# I would actually watch cube unboxing videos if they went more like this



## shelley (Sep 20, 2010)

...wee-fee?


----------



## qqwref (Sep 20, 2010)

wai fai

yuu esu-bi

aipado. suge!


----------



## AvGalen (Sep 20, 2010)

megwin
nofail

seriously didn't understand any of the language but still enjoyed watching it A LOT


----------



## splinteh (Sep 21, 2010)

awesome


----------



## 4Chan (Sep 21, 2010)

I love the way that the japanese say their words.

That was pure excellence.


----------



## Weston (Sep 21, 2010)

Or how about like this?


----------



## TheMachanga (Sep 21, 2010)

and who could forget this?


----------



## krnballerzzz (Sep 21, 2010)

TheMachanga said:


> and who could forget this?


 
I could not watch it beyond 15 seconds.


----------



## ThatGuy (Sep 21, 2010)

Too bad he's not from Osaka.


----------



## KboyForeverB (Sep 21, 2010)

krnballerzzz said:


> I could not watch it beyond 15 seconds.


 
Ya know, shouting screaming, its every person's dream


----------



## pappas (Sep 21, 2010)

TheMachanga said:


> and who could forget this?


 
That kid has problems. It get really good around 2:00.


----------



## Ewks (Sep 21, 2010)

The kid with the v-cube sounds a lot like the double rainbow guy.


----------



## iasimp1997 (Sep 21, 2010)

PAPPAS!!15 said:


> That kid has problems. It get really good around 2:00.


 
Problems? No. He's cool now.


----------



## Zubon (Sep 22, 2010)

Hahaha classic. 
I also always wondered what the hell wee-fee was.....


----------



## yockee (Aug 11, 2011)

I have an unboxing with a talking, hungover envelope that vomits up DIY kit. It contains bad language for those who might get offended.


----------



## Phlippieskezer (Aug 11, 2011)

Weston said:


> Or how about like this?


 
Best. Unboxing. Ever.


----------



## insane569 (Aug 11, 2011)

yockee said:


> I have an unboxing with a talking, hungover envelope that vomits up DIY kit.
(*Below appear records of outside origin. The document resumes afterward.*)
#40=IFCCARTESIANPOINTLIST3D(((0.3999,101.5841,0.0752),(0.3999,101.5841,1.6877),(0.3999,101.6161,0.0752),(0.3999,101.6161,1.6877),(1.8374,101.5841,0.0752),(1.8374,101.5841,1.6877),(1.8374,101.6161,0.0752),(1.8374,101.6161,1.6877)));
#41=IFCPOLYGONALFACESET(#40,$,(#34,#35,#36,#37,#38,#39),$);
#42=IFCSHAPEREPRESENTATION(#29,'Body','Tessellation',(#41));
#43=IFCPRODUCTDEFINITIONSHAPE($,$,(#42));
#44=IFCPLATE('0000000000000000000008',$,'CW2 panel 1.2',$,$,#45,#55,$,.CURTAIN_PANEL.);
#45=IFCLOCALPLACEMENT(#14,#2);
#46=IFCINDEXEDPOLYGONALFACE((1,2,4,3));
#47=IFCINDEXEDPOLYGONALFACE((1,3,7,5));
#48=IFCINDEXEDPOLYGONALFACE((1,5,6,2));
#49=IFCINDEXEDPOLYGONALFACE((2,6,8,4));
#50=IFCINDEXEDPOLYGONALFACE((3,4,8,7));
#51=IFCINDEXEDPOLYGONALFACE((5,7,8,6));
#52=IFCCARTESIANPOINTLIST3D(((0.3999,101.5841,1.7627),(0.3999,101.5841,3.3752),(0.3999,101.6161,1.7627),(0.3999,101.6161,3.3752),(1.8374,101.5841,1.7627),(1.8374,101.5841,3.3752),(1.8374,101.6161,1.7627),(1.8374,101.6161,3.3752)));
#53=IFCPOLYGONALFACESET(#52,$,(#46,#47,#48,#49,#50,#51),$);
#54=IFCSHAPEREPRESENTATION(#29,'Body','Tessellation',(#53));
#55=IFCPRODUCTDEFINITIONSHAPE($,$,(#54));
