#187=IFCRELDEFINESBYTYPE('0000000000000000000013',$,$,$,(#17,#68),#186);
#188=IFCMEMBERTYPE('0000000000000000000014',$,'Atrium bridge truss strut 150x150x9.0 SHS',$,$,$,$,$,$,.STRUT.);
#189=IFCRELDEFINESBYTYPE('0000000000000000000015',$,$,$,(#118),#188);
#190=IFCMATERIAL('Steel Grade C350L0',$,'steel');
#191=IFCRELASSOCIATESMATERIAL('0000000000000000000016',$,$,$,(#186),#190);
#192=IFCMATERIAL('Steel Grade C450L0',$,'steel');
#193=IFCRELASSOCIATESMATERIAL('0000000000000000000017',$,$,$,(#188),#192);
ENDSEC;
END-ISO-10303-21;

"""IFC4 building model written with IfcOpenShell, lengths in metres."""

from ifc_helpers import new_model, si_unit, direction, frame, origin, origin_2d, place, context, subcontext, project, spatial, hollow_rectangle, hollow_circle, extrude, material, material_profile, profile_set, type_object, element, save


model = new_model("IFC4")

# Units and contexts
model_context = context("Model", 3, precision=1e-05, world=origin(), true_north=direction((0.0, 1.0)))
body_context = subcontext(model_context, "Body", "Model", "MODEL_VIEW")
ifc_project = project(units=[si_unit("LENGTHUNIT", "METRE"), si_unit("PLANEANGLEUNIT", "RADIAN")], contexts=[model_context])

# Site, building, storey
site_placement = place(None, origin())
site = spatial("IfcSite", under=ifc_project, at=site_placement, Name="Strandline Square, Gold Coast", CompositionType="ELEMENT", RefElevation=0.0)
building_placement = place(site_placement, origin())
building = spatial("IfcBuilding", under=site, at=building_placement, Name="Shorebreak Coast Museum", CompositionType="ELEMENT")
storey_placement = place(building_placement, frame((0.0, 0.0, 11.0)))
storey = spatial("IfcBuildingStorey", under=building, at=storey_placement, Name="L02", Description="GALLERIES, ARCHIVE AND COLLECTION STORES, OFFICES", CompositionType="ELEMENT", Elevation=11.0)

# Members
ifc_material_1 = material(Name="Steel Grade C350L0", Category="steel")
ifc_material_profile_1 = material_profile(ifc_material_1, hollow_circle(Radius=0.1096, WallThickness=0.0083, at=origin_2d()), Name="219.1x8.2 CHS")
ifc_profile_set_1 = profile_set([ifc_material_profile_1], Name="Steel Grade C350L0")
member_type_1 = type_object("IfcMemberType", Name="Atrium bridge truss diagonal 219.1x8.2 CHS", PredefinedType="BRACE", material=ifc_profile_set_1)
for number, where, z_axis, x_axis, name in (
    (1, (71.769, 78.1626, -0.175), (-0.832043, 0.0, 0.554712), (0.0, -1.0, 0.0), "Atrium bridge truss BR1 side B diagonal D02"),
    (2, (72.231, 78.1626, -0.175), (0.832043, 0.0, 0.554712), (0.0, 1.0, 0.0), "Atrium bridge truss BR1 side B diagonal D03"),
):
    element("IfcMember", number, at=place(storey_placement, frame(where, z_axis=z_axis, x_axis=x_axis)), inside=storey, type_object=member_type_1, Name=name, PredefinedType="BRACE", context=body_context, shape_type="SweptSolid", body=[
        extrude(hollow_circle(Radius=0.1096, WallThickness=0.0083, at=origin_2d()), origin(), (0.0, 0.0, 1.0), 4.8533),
It contains bad language for those who might get offended.


 
thats my kinda review and unboxing


----------



## Thunderbolt (Aug 11, 2011)

yockee man I saw your movie about PLL's too. Damn that was ****ing awesome! . You're the best person I've ever saw


----------



## TheJCube (Aug 11, 2011)

TheMachanga said:


> and who could forget this?


 
I made a parody of this I think not too long ago...


----------